Is this a "folk theorem" about analytic functions of a complex variable? In a comment on question 110345 I made a claim that might be incorrect. I claimed that if
f(z) is a non-constant analytic function defined by a power series whose circle of convergence C
has a positive radius, then f(z) cannot be bounded at all points in the interior of C. But is 
this really true?  Or am I just imagining that I learned it somewhere. I could not come up with
any simple counter-examples. It sounds like some weird generalization of Liouville's theorem.
 A: This is not true.
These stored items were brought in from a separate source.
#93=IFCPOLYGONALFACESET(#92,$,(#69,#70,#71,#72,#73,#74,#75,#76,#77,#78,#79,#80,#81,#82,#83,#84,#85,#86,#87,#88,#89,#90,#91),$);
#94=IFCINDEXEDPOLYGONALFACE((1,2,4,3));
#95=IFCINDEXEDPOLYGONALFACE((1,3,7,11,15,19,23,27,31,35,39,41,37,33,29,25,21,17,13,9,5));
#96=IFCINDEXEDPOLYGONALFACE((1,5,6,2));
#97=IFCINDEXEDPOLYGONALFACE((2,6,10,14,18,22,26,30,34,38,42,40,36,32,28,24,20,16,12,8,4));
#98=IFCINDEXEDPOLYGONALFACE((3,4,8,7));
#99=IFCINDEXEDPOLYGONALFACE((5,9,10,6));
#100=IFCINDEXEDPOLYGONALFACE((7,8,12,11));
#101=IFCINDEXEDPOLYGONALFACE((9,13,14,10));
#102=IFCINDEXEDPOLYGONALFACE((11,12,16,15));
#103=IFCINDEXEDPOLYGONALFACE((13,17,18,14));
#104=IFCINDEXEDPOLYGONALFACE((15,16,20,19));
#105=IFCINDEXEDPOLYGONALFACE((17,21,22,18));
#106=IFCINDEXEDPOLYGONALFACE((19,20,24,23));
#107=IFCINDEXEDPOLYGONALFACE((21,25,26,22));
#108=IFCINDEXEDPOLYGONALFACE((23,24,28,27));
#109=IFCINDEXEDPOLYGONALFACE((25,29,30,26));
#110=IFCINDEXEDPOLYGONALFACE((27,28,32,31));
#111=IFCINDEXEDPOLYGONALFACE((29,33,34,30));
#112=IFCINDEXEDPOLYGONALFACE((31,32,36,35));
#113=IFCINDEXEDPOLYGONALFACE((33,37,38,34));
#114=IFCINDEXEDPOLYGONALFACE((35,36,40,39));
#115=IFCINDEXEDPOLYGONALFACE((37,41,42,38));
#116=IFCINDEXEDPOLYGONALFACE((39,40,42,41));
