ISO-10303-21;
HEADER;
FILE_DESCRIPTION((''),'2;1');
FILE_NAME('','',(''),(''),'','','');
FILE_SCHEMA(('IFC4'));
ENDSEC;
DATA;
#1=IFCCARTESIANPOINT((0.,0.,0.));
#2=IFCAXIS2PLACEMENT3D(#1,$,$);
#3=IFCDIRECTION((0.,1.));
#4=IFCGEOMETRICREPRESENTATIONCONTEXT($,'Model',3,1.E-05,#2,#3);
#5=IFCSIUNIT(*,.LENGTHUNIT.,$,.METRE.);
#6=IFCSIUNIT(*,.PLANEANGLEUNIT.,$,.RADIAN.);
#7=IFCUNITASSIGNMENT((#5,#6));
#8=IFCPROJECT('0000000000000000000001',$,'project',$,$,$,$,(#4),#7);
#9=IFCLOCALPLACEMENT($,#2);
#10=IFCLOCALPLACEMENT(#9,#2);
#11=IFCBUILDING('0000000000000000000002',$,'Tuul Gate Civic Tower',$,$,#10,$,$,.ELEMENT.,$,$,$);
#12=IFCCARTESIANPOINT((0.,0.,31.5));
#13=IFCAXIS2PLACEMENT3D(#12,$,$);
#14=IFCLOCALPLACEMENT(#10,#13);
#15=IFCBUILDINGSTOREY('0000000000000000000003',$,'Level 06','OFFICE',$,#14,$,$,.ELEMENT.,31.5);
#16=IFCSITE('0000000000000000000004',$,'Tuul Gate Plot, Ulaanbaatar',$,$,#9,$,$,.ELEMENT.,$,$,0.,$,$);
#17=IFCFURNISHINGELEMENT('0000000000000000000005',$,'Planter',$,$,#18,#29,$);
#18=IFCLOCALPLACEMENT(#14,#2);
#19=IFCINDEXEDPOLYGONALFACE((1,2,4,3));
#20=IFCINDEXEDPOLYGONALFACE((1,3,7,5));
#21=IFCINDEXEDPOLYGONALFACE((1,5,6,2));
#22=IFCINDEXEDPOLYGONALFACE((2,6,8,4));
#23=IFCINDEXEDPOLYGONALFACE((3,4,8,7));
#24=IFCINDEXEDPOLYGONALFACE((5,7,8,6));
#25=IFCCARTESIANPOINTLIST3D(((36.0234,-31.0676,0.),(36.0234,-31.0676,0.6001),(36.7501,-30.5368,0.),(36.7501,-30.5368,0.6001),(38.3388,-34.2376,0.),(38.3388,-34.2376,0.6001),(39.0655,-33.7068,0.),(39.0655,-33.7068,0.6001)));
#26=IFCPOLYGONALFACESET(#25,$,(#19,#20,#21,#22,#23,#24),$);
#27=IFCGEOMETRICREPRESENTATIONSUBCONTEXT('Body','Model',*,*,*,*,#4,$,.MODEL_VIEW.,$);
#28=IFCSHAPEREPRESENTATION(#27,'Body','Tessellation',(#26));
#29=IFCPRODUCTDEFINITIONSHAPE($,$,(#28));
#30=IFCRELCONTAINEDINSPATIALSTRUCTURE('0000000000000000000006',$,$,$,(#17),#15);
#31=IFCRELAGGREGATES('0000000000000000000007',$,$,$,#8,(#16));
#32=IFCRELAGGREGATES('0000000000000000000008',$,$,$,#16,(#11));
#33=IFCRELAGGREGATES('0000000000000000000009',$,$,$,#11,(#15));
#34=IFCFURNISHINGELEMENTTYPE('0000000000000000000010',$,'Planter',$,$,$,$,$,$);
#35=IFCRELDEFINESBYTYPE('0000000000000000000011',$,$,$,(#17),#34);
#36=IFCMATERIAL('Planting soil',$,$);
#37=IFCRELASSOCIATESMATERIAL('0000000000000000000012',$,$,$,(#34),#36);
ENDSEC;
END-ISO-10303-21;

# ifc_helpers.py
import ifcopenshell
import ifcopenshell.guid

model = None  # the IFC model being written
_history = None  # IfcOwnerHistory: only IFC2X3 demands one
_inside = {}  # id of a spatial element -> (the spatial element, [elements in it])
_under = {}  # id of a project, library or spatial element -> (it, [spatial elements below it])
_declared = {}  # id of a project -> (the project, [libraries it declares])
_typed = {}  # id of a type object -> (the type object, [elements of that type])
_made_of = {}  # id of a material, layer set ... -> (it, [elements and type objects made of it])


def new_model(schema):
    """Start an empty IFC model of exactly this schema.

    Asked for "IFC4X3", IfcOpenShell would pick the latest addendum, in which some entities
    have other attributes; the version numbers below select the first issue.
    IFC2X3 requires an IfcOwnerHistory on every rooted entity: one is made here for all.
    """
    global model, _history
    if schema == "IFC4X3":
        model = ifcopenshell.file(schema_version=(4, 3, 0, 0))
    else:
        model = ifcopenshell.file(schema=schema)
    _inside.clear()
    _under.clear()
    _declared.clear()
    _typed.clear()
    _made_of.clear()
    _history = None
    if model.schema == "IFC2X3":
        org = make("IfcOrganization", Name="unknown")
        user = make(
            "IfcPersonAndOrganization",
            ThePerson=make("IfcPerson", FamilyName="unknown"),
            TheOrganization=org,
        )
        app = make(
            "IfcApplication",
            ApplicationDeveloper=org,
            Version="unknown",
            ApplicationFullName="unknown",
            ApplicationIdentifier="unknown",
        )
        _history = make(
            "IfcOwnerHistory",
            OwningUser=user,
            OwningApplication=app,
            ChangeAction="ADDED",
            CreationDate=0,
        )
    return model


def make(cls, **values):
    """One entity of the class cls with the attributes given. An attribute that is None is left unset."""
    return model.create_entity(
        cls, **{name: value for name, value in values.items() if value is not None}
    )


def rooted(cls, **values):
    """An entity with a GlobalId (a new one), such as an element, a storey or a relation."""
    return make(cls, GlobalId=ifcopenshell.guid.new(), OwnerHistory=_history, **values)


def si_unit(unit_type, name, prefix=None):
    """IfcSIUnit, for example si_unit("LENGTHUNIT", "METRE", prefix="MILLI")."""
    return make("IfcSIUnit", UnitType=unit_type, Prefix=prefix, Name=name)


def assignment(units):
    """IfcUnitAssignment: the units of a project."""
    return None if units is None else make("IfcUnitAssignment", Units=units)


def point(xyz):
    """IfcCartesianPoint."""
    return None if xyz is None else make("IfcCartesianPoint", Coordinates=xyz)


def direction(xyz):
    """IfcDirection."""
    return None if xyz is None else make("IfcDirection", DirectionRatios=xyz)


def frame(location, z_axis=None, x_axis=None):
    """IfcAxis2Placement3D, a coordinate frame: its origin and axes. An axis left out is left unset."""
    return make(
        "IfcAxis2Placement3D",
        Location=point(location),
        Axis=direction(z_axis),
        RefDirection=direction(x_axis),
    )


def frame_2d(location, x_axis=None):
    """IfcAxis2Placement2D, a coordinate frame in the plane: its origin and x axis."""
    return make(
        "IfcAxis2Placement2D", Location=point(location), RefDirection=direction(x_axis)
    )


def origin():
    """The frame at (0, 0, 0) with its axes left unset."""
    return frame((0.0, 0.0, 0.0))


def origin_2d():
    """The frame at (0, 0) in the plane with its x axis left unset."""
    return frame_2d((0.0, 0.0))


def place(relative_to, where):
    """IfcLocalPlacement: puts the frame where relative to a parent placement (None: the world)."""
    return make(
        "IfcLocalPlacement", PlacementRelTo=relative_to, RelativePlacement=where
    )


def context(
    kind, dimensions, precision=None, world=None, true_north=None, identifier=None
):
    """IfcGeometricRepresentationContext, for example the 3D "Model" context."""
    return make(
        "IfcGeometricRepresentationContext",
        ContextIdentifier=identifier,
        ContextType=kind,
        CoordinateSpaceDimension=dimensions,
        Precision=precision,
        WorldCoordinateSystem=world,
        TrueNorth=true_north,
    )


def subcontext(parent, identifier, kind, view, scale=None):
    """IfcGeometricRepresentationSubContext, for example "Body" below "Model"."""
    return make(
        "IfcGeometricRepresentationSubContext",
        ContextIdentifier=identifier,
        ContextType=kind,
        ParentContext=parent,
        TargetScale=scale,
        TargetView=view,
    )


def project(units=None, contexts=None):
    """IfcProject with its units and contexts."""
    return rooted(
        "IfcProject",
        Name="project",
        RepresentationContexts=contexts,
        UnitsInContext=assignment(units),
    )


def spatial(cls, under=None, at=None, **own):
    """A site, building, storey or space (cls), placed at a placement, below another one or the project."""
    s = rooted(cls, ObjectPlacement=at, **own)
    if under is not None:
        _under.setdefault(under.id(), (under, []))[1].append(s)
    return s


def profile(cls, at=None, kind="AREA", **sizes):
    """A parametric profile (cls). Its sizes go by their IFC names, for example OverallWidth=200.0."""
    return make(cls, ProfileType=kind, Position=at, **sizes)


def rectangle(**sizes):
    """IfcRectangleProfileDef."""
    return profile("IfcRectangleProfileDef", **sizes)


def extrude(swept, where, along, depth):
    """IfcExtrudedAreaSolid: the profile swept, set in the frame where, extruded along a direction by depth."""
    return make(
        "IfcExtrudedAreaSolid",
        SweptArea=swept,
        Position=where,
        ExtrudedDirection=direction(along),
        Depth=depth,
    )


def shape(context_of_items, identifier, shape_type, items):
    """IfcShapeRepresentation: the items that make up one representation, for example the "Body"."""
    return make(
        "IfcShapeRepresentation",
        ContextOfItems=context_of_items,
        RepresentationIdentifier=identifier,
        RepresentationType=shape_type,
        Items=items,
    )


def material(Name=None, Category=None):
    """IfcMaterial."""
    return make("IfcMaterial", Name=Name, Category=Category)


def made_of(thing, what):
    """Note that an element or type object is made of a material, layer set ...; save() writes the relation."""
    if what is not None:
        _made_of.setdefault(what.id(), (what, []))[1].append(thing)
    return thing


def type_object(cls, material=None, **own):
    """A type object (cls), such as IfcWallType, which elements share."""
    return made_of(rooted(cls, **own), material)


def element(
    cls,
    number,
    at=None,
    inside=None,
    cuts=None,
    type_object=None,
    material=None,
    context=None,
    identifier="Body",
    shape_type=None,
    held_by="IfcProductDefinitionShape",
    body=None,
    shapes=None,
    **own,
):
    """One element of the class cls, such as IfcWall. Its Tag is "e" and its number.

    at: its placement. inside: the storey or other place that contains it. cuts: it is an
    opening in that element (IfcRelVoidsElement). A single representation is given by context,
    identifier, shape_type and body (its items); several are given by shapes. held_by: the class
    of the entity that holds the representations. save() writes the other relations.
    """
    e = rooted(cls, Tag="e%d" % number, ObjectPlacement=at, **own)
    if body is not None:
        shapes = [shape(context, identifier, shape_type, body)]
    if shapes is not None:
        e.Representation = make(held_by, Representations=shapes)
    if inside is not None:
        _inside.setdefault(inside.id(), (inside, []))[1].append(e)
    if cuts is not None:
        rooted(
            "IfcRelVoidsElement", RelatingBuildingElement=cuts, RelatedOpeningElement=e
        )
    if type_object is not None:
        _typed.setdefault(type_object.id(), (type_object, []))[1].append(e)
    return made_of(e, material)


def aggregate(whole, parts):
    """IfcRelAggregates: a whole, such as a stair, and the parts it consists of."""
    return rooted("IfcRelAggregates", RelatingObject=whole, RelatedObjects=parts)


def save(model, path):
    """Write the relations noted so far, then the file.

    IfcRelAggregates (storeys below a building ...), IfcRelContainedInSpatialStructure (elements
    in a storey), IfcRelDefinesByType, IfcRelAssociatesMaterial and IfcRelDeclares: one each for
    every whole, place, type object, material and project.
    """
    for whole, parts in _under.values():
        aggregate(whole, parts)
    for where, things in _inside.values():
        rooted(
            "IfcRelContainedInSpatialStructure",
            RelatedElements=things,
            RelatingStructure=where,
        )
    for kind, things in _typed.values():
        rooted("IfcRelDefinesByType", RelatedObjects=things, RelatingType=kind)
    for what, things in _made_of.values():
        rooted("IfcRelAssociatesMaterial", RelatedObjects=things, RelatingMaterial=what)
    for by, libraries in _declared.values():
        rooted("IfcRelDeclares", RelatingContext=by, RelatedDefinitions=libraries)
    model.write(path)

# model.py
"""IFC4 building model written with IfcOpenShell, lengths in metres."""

from ifc_helpers import new_model, si_unit, direction, frame, origin, origin_2d, place, context, subcontext, project, spatial, rectangle, extrude, material, type_object, element, save


model = new_model("IFC4")

# Units and contexts
model_context = context("Model", 3, precision=1e-05, world=origin(), true_north=direction((0.0, 1.0)))
body_context = subcontext(model_context, "Body", "Model", "MODEL_VIEW")
ifc_project = project(units=[si_unit("LENGTHUNIT", "METRE"), si_unit("PLANEANGLEUNIT", "RADIAN")], contexts=[model_context])

# Site, building, storey
site_placement = place(None, origin())
site = spatial("IfcSite", under=ifc_project, at=site_placement, Name="Tuul Gate Plot, Ulaanbaatar", CompositionType="ELEMENT", RefElevation=0.0)
building_placement = place(site_placement, origin())
building = spatial("IfcBuilding", under=site, at=building_placement, Name="Tuul Gate Civic Tower", CompositionType="ELEMENT")
storey_placement = place(building_placement, frame((0.0, 0.0, 31.5)))
storey = spatial("IfcBuildingStorey", under=building, at=storey_placement, Name="Level 06", Description="OFFICE", CompositionType="ELEMENT", Elevation=31.5)

# Furnishing element
ifc_material_1 = material(Name="Planting soil")
furnishing_element_type = type_object("IfcFurnishingElementType", Name="Planter", material=ifc_material_1)
furnishing_1_placement = place(storey_placement, frame((37.5444, -32.3872, 0.0), z_axis=(0.0, 0.0, 1.0), x_axis=(0.589834, -0.807524, 0.0)))
element("IfcFurnishingElement", 1, at=furnishing_1_placement, inside=storey, type_object=furnishing_element_type, Name="Planter", context=body_context, shape_type="SweptSolid", body=[
    extrude(rectangle(XDim=3.9255, YDim=0.8999, at=origin_2d()), origin(), (0.0, 0.0, 1.0), 0.6001),
])

save(model, "model.ifc")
For a counterexample take 
$$\sum_{n=1}^{\infty} \frac{x^n}{n^2} $$
The radius of convergence is one and this is bounded by 
$$\sum_{n=1}^{\infty} \frac{1}{n^2} = \pi^2/6 $$
You are likely confusing this with the maximum modulus principle saying that there must be no local maximu (in absolute value) in the interior if the function is nonconstant.
A: You are probably misunderstanding the following folk theorem: 
If $D $ is the convergence disc of a power series converging to $f$, then there must be some singularity of $f$ on $\partial D$. In other words, you cannot continue $f$ analytically onto a larger disc.
A counterexample that is more explicit than quids example is the power series expansion of $\sqrt{1+z}$ around $z=0$, which has convergence radius $1$. The singularity at $z=-1$ is not a pole.
A hint to the proof: if $D \subset U$ is a disc in the domain of definition of a holomorphic function $f$, then the Taylor expansion around the midpoint of $D$ converges in $D$.